One gotcha here is that when you store the result of your computation, you need to check (in a transaction) whether your revision is bigger than the one you’re overwriting (if it already exists). For example, let’s say your input is at rev 22. You then have this sequence of events: begin F on row:22, change data to rev 23, begin F on row:23, finish F and store FT on rev 23, finish F and store FT on rev 22. That last store overwrites the newer value and should never happen. This isn’t broken as we can detect this after the fact but is a waste of computation.

How to track changes in the computations?
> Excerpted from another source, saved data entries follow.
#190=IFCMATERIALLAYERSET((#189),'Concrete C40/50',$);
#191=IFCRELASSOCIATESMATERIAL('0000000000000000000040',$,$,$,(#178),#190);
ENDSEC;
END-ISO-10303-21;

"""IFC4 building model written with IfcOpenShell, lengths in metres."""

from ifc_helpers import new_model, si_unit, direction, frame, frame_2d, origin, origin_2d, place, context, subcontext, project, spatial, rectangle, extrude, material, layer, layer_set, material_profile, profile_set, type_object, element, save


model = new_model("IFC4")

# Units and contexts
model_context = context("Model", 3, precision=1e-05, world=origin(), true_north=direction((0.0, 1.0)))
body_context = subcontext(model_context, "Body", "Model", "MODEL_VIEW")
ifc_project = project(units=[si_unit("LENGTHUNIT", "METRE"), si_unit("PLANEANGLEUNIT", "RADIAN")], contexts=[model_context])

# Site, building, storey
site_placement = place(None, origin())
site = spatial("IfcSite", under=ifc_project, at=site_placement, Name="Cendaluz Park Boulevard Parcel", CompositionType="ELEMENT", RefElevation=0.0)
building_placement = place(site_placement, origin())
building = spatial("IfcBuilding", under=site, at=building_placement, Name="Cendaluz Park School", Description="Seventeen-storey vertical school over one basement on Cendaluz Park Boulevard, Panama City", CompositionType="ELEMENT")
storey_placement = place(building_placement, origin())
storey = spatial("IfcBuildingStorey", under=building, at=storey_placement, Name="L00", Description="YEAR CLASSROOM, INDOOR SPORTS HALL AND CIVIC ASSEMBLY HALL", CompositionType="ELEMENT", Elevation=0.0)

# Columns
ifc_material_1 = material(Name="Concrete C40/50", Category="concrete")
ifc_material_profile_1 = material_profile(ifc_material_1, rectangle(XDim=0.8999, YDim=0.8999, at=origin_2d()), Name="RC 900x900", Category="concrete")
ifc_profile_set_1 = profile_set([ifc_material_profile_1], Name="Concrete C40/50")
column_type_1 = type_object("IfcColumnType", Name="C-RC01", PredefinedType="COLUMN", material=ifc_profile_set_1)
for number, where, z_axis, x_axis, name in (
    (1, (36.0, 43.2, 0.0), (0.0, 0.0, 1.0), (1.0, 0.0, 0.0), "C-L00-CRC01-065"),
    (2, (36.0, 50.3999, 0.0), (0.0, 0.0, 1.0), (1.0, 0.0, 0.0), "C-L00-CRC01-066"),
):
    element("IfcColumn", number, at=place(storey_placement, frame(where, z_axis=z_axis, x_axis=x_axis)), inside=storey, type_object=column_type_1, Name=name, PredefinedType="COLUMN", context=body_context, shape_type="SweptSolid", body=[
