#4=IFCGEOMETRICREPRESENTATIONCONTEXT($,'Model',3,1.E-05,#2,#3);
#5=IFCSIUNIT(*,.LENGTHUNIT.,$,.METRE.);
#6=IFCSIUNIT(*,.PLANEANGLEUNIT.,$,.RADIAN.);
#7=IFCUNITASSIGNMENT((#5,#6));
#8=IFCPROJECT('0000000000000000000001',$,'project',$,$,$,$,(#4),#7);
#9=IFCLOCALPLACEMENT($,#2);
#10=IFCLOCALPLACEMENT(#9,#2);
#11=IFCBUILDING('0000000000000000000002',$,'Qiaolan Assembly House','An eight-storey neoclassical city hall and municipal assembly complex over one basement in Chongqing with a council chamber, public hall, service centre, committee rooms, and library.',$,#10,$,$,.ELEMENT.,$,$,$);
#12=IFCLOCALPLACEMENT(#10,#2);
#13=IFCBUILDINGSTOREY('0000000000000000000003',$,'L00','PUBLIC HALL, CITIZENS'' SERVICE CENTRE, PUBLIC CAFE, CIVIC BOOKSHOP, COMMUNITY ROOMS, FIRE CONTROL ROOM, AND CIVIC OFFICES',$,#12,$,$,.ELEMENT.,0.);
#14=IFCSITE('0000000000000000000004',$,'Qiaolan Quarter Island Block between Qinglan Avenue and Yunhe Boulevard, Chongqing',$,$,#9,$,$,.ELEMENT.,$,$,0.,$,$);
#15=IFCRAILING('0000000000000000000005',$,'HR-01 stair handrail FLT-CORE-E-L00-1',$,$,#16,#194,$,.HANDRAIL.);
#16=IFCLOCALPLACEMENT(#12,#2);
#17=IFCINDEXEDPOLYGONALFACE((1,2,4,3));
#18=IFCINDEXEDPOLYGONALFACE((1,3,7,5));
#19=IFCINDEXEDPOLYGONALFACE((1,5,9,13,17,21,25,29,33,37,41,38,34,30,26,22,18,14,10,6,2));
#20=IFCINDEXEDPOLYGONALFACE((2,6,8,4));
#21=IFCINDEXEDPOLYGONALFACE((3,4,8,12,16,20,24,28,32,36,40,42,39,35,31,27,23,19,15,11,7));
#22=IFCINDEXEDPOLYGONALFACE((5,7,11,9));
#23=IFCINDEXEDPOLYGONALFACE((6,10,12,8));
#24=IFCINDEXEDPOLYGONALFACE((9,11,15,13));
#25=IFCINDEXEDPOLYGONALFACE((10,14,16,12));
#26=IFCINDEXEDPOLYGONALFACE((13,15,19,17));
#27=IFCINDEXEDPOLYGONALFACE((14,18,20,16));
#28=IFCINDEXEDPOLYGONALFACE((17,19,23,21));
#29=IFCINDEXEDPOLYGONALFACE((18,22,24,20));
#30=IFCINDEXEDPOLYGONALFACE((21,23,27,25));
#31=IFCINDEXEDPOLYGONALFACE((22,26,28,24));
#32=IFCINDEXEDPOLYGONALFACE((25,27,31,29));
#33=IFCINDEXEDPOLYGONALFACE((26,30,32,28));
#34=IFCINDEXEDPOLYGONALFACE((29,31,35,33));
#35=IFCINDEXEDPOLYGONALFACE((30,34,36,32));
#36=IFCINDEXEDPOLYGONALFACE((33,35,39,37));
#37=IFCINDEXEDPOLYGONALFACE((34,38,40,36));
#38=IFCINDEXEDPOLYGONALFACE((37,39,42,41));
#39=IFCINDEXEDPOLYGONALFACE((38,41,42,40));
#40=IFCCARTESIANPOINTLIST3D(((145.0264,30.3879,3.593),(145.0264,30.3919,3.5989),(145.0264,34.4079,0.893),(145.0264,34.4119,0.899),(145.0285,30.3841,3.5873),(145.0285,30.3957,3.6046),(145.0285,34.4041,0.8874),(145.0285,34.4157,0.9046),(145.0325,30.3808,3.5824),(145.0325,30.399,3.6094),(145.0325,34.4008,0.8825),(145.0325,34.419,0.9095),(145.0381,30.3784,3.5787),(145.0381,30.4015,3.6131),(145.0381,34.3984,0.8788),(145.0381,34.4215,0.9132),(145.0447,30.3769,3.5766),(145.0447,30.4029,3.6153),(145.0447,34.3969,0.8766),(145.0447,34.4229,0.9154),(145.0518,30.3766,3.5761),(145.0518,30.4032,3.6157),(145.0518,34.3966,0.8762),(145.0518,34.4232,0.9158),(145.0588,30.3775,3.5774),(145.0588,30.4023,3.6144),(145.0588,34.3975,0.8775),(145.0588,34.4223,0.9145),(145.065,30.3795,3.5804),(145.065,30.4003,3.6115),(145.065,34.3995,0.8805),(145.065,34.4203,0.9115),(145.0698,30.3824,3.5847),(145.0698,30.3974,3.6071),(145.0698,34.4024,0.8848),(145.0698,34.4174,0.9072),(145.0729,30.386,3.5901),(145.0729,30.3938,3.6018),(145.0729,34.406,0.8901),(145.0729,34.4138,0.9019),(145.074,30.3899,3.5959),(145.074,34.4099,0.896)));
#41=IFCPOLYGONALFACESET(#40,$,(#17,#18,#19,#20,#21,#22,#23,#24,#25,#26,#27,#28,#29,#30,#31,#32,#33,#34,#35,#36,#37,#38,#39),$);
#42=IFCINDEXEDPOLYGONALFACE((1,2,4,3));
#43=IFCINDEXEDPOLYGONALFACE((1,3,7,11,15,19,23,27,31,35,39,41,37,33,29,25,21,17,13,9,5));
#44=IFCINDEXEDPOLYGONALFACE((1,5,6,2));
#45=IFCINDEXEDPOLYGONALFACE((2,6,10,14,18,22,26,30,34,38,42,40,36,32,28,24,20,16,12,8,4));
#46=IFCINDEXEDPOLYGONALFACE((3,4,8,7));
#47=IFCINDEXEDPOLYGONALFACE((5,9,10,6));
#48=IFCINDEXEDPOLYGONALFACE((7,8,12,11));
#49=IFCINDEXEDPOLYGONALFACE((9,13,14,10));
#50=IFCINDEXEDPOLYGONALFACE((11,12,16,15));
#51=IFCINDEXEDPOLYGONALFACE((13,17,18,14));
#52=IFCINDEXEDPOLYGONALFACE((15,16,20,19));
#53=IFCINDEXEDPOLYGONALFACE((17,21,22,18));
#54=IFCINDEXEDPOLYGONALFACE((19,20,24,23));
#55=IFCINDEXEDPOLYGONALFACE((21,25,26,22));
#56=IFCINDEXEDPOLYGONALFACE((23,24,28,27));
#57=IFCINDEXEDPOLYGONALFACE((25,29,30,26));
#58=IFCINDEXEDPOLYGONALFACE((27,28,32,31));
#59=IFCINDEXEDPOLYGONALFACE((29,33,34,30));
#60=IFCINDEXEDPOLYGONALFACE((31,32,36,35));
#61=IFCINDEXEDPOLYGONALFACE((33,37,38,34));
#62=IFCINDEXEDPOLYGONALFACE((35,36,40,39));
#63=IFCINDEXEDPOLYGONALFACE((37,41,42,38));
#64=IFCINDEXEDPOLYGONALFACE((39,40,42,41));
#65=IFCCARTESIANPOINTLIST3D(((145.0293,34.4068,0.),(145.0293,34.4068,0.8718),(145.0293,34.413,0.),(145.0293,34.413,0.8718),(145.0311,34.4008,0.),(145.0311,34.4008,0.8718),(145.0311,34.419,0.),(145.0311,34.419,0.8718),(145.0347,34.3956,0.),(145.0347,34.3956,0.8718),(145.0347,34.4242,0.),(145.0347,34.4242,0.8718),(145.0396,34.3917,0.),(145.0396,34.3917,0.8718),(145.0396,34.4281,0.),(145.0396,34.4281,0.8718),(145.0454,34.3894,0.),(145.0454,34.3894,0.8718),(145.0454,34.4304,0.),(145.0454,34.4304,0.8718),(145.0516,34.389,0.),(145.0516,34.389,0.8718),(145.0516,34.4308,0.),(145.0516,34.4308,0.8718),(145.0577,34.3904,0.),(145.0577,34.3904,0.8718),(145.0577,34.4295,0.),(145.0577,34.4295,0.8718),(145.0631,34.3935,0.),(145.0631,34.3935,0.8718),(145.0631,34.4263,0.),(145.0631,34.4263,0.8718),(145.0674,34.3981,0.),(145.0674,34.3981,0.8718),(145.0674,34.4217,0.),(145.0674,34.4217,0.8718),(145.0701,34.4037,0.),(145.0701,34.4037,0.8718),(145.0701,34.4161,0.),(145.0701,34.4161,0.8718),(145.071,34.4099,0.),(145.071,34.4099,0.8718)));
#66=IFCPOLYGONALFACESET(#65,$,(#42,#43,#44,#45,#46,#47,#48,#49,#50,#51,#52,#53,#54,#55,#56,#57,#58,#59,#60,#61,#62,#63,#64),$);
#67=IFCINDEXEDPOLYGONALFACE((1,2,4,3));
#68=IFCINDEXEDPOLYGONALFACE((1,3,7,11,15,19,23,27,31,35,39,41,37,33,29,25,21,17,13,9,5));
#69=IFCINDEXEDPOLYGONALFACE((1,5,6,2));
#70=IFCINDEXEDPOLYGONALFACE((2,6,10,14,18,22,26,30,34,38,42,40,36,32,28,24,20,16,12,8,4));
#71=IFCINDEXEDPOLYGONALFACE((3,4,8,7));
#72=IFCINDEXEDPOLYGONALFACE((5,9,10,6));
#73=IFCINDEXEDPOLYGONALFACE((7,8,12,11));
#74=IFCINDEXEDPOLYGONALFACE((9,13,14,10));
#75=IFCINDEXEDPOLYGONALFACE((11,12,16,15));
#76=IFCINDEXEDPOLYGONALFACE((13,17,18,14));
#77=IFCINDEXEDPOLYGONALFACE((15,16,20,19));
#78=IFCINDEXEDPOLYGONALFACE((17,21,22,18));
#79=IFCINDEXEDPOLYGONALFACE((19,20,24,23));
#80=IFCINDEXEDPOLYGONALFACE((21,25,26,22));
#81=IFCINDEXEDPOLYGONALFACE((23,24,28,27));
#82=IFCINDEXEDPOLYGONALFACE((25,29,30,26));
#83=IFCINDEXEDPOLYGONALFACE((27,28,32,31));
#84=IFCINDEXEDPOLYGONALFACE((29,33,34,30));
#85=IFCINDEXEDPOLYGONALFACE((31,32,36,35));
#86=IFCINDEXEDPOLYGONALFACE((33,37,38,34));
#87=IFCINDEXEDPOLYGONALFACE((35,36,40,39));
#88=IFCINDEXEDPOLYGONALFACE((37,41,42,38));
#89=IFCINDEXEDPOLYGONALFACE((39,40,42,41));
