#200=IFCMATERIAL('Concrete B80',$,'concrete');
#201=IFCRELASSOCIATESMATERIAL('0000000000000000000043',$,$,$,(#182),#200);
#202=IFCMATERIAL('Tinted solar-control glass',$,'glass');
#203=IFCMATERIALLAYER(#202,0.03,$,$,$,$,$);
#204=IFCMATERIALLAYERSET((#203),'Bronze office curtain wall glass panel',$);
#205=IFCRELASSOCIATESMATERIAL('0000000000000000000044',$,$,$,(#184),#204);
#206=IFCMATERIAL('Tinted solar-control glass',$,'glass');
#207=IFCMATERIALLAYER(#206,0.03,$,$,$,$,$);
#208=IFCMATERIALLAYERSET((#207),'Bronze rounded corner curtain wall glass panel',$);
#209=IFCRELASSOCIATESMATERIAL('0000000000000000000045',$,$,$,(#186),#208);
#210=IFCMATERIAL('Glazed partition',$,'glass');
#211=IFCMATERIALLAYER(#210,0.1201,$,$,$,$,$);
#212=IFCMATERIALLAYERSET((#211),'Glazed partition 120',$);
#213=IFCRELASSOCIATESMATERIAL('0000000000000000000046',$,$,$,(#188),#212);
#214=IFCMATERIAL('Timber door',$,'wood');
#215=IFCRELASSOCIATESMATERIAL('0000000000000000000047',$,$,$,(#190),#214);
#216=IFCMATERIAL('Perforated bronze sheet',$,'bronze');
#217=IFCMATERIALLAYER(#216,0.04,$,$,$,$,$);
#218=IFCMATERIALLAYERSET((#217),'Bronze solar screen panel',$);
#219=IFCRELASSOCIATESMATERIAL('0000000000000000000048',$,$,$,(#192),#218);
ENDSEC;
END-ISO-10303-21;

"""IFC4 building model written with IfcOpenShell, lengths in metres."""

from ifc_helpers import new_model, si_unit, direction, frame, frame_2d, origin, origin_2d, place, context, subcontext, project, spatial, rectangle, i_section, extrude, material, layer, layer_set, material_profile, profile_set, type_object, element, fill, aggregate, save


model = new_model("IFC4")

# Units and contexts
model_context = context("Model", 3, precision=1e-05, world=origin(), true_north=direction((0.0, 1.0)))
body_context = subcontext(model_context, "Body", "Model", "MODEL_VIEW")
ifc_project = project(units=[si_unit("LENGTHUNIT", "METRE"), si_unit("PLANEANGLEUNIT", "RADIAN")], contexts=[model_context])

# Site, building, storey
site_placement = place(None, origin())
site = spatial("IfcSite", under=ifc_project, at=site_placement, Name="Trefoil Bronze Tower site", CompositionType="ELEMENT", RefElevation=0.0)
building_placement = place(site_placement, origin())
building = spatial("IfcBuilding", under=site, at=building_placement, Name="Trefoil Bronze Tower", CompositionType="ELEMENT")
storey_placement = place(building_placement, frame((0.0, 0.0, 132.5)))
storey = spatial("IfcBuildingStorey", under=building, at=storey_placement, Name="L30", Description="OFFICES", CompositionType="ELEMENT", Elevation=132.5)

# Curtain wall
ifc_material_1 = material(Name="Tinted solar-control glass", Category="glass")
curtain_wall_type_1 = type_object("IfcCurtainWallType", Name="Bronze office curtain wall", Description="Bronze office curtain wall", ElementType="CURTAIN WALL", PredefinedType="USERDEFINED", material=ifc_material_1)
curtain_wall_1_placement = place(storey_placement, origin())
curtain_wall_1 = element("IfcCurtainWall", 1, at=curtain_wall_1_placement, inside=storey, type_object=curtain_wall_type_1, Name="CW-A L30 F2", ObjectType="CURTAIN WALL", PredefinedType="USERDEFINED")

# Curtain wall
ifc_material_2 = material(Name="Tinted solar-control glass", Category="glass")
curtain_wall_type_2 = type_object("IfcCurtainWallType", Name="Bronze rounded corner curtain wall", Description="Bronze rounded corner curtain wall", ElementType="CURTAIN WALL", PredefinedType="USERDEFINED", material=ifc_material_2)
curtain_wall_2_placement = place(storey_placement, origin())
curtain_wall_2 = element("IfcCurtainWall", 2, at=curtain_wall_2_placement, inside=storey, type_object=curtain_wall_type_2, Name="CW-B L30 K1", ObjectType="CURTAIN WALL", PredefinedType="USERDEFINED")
Let’s say all derived data is up to date. You then change the code for G. You now need to recompute all of GT and HT (conservatively; some results might be the same in which case recomputing the corresponding row in HT is not necessary). Here is where we hit some interface boundaries, because existing languages/programs aren’t great at tracking these kinds of changes. For now I’ve settled on listing the dependency between the process G and files on disk which it depends on. We can then check on startup for changes to these files and know what to re-run, as well as consume notifications from inotify for a long running process.

How to track computation dependencies?

In order to be proactive about what to compute, you need to statically know which tables a computation will read from and what it will produce. Thanks to type annotations in python3, I have gone with the approach of annotating each function with the table models as args and return type. Then, we can just inspect those annotations and have the full graph of tables and computations and how they relate. We can verify it has no cycles, visualize it, and topologically sort it to get a linear running order for the functions.

Long running computations

For long running computations, you likely want to track that a stale or non-existent row is currently being worked on (as in a task queue) so that you don’t duplicate work. You also want to debounce their launch time so that you only start the task after the input has “settled”. Lunchtime or overnight might be a nice time if the input data were only ever edited by humans.

Errors

Each process is likely capable of failing and this adds one more check to the mix. You can only process G if F succeeded and you can only process H if F and G succeeded (for a particular row). You do want to store the error as a result, otherwise you would just keep recomputing the same thing, and because you probably want to show the error to a human. You also don’t want to needlessly run a downstream function when there is no valid input for it because its predecessor failed.

Closing

I’m building a toy programming language on this idea and find it very compelling. Each function or top-level expression is a row in D and all steps of the compilation are represented as derived values. The thing I have not addressed above, is that dependencies may exist between items in D. If you are early-binding or statically-linking, then your compilation result must be recomputed when any transitive item in D is changed. Right now the language is late-bound so that’s not an issue but something I am still mulling over. I also would like to incorporate derived computations defined in the language itself eventually.